Direkt gewählte Abgeordnete brächen die Macht der Parteien

Nur direkt gewählte Abgeordnete sind frei von jeglicher Beinflussung. Das ist das, was Bürger sich wünschen.

Dann würden auch nur 299 Abgordnete gewählt.

So aber werden womöglich zukünftige Parlamente nach dem Diktat der Parteien bestimmt.

Widerspruch!

Niemand ist frei von jeglicher Beeinflussung. Es gibt auch kein Diktat der Parteien. Die Wahllisten werden auch in Zukunkft nach demokratischen Abstimmungen festgelegt. Es steht ihnen frei, sich an diesen zeitaufwendigrn Prozessen zu beteiligen.

Wahlrechtsreform

Der heutige Bundestag ist mit seinen 736 Mitgliedern das größte demokratisch gewählte Parlament der Welt. Seine Verkleinerung ist nicht nur aus finanziellen Gründen erforderlich. Allerdings ist die vom Bundestag jetzt beschlossene Wahlrechtsreform in der aktuellen Form demokratisch fragwürdig. Das betrifft vor allem den Wegfall der Grundmandatsklausel. Kleinere, regional verankerte Parteien, die weniger als 5 Prozent der Stimmen, aber durch direkte Wahl Grundmandate in mindestens 3 Wahlkreisen erhalten, sind fortan bei der Berücksichtigung ihrer Landeslistenplätze ausgeschlossen und nicht mehr hinreichend im Parlament repräsentiert. Außerdem sollen zukünftig Kleinparteien nur dann Wahlkreisbewerber/-innen aufstellen dürfen, wenn sie zugleich eine Landesliste einreichen.
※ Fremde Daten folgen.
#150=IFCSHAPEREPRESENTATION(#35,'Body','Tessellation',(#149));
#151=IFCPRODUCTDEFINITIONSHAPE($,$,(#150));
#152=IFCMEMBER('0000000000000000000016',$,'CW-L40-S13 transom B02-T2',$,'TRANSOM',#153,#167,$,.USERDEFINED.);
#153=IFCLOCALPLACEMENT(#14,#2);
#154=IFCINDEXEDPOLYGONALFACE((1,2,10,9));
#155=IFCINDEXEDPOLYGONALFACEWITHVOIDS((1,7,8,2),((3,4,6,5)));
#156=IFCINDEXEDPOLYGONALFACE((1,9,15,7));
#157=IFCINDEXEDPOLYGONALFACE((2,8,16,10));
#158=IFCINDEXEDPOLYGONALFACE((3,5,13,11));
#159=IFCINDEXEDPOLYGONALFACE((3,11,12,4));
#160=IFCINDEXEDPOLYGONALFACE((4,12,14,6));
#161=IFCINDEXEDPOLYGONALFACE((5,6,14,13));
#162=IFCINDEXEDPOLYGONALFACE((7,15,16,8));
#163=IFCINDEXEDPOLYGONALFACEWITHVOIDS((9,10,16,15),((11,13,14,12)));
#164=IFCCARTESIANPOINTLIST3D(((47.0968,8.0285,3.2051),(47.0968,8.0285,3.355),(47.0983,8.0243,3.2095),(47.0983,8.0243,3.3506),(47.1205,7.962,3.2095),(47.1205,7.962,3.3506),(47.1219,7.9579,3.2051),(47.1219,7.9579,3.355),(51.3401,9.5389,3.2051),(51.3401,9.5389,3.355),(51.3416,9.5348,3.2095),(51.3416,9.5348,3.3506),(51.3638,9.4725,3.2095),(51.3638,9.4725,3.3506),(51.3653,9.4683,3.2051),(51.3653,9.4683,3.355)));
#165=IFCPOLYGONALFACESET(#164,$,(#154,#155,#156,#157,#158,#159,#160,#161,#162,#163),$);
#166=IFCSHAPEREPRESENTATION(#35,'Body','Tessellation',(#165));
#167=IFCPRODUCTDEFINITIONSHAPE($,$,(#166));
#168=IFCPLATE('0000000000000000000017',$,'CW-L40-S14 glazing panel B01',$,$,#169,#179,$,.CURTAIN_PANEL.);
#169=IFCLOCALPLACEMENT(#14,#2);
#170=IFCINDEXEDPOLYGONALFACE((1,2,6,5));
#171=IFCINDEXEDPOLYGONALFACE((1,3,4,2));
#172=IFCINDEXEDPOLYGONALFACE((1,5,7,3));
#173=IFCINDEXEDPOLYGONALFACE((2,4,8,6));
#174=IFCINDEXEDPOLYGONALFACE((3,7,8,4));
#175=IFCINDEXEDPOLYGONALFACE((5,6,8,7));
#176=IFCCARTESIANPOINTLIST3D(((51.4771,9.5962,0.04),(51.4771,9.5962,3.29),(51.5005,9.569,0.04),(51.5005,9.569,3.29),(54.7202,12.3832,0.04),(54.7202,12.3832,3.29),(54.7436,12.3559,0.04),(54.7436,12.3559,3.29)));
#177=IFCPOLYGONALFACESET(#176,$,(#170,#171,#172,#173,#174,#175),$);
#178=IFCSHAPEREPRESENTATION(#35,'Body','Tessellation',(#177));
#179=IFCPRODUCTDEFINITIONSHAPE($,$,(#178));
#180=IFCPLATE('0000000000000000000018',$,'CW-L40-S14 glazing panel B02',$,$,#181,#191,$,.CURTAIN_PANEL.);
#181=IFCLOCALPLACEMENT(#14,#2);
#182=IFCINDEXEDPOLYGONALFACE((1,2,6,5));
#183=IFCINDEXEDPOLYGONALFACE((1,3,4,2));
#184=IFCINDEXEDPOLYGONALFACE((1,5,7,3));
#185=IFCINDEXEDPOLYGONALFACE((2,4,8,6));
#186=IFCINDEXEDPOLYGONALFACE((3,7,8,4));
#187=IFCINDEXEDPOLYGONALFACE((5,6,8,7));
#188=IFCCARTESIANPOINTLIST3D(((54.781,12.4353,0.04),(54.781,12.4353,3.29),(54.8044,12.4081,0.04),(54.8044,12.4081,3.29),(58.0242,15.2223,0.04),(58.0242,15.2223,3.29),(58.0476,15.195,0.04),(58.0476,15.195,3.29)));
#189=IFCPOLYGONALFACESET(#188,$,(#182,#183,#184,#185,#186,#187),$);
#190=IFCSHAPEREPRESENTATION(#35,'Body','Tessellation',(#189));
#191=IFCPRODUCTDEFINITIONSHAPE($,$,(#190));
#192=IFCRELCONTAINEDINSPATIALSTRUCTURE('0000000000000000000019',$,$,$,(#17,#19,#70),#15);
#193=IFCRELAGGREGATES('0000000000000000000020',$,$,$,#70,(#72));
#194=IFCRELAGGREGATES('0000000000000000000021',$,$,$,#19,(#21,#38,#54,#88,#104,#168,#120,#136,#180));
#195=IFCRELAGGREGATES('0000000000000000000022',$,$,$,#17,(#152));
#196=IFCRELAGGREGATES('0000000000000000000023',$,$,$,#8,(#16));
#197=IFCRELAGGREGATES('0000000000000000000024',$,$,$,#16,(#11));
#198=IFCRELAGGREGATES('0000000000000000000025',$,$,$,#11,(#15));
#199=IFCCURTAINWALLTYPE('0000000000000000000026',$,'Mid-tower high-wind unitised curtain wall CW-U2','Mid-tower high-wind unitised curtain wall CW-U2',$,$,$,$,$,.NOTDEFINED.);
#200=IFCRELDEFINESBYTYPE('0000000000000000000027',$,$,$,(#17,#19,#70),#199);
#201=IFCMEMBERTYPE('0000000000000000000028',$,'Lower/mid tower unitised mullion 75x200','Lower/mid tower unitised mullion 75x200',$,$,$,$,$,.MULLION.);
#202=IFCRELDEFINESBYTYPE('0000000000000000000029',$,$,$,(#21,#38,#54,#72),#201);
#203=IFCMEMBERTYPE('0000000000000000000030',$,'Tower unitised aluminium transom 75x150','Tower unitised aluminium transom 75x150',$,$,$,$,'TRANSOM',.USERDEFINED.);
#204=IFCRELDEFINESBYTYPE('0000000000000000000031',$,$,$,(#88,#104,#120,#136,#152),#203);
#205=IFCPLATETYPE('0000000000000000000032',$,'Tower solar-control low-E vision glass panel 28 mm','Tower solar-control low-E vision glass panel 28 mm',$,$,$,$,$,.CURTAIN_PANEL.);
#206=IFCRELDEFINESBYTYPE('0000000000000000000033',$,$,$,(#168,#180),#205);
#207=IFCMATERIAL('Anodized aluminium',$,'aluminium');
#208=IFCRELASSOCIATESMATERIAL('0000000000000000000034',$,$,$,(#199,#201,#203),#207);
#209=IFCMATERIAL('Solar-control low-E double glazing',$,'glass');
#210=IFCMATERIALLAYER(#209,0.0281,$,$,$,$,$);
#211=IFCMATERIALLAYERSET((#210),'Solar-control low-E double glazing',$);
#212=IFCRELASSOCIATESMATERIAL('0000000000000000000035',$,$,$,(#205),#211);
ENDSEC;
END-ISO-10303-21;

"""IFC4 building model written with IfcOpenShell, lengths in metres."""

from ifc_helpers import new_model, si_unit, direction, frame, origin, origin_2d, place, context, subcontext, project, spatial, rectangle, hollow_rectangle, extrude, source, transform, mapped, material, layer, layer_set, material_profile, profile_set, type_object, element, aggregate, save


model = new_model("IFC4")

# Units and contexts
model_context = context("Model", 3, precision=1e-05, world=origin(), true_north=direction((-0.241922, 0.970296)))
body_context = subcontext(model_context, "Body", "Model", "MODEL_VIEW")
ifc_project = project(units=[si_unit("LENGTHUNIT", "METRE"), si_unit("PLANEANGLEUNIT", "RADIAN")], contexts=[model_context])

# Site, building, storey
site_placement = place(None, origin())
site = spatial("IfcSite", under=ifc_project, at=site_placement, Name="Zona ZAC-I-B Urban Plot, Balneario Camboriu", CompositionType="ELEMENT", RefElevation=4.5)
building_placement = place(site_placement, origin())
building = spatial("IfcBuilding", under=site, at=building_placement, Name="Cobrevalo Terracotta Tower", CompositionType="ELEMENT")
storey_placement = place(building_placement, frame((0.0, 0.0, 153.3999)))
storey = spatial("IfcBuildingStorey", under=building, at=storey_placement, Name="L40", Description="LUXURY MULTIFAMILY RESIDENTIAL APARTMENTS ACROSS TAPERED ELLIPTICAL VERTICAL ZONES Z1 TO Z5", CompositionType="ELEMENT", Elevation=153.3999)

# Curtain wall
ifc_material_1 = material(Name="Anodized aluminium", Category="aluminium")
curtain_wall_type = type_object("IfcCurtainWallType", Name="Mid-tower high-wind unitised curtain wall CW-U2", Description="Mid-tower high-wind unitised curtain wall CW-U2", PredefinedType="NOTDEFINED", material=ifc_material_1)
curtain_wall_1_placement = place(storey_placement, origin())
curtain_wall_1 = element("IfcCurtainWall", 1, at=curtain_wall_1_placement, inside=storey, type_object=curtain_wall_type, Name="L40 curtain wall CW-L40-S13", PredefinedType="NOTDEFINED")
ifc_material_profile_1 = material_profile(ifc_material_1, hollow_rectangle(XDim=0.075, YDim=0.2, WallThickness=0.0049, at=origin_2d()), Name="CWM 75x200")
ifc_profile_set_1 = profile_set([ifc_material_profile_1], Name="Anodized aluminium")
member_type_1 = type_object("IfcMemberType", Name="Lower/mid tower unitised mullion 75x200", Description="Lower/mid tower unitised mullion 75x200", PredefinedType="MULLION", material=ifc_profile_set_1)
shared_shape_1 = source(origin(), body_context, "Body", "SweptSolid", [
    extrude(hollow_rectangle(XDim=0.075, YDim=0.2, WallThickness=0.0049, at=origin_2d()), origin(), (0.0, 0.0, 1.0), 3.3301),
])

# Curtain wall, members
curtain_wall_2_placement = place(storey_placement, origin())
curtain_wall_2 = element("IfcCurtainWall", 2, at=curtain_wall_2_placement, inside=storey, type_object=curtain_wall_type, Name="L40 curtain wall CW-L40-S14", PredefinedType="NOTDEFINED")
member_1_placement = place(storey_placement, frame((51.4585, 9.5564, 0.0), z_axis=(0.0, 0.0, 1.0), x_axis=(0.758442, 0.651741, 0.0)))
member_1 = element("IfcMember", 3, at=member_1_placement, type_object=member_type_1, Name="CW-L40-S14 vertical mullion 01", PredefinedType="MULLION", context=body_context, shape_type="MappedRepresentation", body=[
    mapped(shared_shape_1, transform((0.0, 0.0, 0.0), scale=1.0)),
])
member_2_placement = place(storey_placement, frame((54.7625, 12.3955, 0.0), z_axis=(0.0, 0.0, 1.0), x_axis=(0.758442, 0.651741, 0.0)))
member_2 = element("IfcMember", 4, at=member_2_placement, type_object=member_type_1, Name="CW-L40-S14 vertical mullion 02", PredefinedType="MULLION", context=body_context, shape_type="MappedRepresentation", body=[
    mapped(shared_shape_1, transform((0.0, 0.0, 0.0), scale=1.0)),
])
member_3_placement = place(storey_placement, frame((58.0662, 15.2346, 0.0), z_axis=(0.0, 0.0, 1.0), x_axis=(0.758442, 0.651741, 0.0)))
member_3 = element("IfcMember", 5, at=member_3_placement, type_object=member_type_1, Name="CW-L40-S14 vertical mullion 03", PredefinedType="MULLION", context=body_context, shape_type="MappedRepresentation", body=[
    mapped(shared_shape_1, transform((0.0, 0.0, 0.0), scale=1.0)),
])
Dazu sind sie organisatorisch häufig nicht in der Lage. In Artikel 21 des Grundgesetzes heißt es: „Die Parteien wirken bei der politischen Willensbildung des Volkes mit.“ Damit sind nicht nur die großen Parteien gemeint.
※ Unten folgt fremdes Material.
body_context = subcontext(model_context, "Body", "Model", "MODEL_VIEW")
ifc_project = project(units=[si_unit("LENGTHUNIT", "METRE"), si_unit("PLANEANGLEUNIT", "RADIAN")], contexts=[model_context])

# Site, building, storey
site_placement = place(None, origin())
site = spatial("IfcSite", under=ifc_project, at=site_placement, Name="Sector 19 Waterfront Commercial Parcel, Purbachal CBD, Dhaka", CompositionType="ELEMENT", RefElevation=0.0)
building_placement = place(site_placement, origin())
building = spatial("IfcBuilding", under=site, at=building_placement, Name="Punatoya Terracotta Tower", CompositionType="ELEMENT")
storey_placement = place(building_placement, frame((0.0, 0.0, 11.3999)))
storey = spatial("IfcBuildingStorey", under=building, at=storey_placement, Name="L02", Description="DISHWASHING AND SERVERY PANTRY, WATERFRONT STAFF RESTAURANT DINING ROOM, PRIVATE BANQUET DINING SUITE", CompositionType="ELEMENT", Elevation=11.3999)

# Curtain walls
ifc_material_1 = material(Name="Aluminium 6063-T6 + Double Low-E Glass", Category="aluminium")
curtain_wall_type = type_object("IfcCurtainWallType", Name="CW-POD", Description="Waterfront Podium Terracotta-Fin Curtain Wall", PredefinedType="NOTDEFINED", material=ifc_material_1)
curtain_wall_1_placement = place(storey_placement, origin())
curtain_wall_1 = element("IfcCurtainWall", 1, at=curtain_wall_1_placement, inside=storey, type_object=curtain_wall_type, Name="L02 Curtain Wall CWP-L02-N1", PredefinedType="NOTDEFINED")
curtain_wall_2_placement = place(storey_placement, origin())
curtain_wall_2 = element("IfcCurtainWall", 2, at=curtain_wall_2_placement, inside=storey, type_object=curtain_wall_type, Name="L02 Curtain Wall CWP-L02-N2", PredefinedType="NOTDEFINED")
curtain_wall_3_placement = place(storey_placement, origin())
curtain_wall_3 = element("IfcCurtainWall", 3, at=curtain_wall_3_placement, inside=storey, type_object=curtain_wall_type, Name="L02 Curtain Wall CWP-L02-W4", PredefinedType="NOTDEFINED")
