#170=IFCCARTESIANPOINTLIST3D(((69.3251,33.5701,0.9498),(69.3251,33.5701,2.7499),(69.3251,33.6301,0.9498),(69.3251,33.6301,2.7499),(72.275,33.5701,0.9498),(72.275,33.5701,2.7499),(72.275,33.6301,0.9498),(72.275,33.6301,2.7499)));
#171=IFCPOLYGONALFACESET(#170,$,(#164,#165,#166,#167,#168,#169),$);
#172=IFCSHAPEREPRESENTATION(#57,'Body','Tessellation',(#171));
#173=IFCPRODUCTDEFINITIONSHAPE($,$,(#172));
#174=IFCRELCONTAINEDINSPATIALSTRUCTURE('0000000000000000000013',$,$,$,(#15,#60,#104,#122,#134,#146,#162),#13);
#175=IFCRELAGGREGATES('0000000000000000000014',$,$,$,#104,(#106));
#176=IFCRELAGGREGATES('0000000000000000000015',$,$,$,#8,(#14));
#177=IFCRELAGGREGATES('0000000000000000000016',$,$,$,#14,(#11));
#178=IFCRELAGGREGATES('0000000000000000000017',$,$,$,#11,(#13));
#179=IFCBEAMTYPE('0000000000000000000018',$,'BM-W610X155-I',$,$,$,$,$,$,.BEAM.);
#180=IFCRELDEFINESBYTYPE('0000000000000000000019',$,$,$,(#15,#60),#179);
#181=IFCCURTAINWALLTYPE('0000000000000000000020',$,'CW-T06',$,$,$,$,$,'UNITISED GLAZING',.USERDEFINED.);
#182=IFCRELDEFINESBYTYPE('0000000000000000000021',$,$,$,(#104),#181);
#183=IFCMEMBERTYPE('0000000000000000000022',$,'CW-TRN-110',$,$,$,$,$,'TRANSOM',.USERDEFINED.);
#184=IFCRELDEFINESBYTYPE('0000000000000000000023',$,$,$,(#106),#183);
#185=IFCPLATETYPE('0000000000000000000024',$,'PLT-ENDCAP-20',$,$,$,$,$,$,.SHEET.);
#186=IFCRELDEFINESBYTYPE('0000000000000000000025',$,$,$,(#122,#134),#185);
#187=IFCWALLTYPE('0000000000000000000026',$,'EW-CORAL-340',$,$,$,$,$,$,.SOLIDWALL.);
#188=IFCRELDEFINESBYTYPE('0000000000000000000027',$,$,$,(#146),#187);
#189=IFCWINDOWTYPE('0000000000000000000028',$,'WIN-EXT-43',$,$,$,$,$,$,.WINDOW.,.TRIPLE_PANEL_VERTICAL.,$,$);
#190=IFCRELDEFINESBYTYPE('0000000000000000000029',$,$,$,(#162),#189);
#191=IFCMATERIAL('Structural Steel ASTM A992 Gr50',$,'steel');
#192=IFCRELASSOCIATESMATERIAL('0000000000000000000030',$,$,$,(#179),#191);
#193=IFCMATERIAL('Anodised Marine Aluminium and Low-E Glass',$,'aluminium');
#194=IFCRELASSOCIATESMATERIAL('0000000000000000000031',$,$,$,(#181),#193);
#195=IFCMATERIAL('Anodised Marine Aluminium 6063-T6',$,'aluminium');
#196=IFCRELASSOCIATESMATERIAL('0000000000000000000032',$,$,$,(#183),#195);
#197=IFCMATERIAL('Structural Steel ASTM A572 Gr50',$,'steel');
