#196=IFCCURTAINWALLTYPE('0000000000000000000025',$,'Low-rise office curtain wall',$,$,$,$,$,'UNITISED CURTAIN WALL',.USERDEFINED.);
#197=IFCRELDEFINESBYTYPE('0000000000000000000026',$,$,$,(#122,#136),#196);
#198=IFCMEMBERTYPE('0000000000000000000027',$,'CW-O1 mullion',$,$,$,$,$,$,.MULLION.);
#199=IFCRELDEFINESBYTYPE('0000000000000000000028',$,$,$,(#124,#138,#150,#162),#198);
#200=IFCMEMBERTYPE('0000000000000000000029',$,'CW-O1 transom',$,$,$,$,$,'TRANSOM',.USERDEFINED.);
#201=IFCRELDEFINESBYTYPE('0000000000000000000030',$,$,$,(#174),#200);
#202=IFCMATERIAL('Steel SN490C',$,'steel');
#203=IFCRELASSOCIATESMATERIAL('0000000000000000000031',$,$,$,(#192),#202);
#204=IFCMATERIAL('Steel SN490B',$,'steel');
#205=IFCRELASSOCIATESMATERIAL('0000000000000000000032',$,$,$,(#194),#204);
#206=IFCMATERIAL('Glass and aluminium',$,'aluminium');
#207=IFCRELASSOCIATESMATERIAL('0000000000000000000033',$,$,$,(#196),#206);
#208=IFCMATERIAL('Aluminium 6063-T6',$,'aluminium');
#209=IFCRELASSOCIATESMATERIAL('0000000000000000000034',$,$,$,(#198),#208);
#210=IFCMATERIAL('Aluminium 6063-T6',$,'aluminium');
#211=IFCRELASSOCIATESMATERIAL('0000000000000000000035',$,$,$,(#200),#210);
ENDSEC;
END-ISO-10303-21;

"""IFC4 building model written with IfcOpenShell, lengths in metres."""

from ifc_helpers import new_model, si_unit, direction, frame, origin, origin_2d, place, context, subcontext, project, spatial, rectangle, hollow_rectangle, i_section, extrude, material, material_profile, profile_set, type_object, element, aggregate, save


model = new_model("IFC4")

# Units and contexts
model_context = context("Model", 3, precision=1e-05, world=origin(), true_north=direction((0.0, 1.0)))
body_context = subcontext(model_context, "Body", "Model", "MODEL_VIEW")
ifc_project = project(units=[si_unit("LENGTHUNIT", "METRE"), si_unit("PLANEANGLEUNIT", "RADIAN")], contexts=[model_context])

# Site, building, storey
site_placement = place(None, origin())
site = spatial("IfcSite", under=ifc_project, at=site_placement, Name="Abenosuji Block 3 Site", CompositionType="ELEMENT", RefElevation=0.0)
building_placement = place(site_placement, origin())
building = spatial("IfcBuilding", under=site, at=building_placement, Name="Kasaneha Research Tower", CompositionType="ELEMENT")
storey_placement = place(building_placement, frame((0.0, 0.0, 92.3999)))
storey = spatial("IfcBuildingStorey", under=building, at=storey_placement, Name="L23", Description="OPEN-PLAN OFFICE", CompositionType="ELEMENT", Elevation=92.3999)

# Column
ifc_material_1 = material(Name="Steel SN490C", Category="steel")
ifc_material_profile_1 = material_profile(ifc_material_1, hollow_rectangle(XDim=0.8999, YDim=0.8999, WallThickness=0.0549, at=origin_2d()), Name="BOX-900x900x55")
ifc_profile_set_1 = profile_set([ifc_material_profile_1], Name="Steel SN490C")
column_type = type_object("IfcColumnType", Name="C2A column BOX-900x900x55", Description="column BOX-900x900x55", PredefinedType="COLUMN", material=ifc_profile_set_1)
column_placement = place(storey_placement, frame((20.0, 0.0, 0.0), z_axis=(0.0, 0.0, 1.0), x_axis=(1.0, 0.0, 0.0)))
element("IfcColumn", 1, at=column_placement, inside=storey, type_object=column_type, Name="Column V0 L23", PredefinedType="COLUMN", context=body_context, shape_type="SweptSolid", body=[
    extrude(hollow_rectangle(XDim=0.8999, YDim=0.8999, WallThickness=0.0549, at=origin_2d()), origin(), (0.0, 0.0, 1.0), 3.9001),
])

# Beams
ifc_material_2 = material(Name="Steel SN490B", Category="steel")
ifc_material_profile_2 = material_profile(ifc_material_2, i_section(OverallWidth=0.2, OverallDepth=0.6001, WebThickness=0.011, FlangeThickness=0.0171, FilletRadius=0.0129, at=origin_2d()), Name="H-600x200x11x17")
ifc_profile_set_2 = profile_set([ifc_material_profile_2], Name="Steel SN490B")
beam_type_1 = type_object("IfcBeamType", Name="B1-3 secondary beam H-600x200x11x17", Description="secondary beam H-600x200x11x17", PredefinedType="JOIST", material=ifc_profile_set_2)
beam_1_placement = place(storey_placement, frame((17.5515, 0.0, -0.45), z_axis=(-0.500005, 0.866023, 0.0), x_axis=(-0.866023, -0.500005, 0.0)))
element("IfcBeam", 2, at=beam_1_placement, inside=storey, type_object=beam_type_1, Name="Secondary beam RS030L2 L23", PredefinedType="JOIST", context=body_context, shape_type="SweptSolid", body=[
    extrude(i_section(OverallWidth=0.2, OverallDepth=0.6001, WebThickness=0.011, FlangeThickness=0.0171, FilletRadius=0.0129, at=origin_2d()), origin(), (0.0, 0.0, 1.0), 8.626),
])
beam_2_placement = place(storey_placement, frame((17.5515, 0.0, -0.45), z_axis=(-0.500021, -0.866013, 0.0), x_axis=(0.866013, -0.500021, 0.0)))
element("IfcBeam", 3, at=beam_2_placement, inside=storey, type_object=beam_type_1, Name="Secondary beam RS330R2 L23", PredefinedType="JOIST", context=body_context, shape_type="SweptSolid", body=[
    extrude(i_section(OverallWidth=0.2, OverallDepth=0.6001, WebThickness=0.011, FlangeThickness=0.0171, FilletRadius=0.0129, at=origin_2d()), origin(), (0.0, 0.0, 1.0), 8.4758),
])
Durch die Bezeichnung "Erst"-

Durch die Bezeichnung "Erst"- und "Zweitstimme" hat sich bei nicht wenigen Bürgern und Medien die irrige Meinung verfestigt, das Direktmandat durch die Erststimme habe ein höheres moralisches Gewicht. Dabei muss es erst durch das Zweitstimmenergebnis legitimitiert werden. Zu viele Ausgleichsmandate entstehen, weil wie in Bayern, die Ergebnisse für die CSU zwischen 98% und 32% liegen. Auch die Grundmandatsklausel trägt zur "Aufblähung" des BT bei. Bei der Linkspartei bekamen 36 Abgeordnete von den parteibestimmten Landeslisten einen Sitz. Diese Klausel verletzt auch das Prinzip der Stimmengleichheit. Durch die Aufsplitterung der Parteienlandschaft wird das immer wahrscheinlicher. Beispiel: Die "Freien Wähler" holen in Bayern 3 Direktmandate und haben trotz 2,4% im Bund 39 Sitze im Parlament. Eine FDP mit 4,9% ohne Direktmandat wäre gescheitert. Redliche Mühen um gerechte Lösungen werden unmöglich, wenn dieses Thema als aufputschendes Schlagzeilen- oder Bierzeltthema missbraucht wird.

Wahlrechtsreform

Das Alles erscheint mir nicht Verfassungskonform. Was sit mit parteilosen Einzelbewerbern ? Direkt gewählte Abgeordnete sind direkt ansprechbar - aber über die Listenkandidaten entscheiden nicht die Bürger sondern die Parteien. Da braucht man sich gar nicht wundern weenn Wahlprogramm und Regierungsrealität weit auseinander klaffen.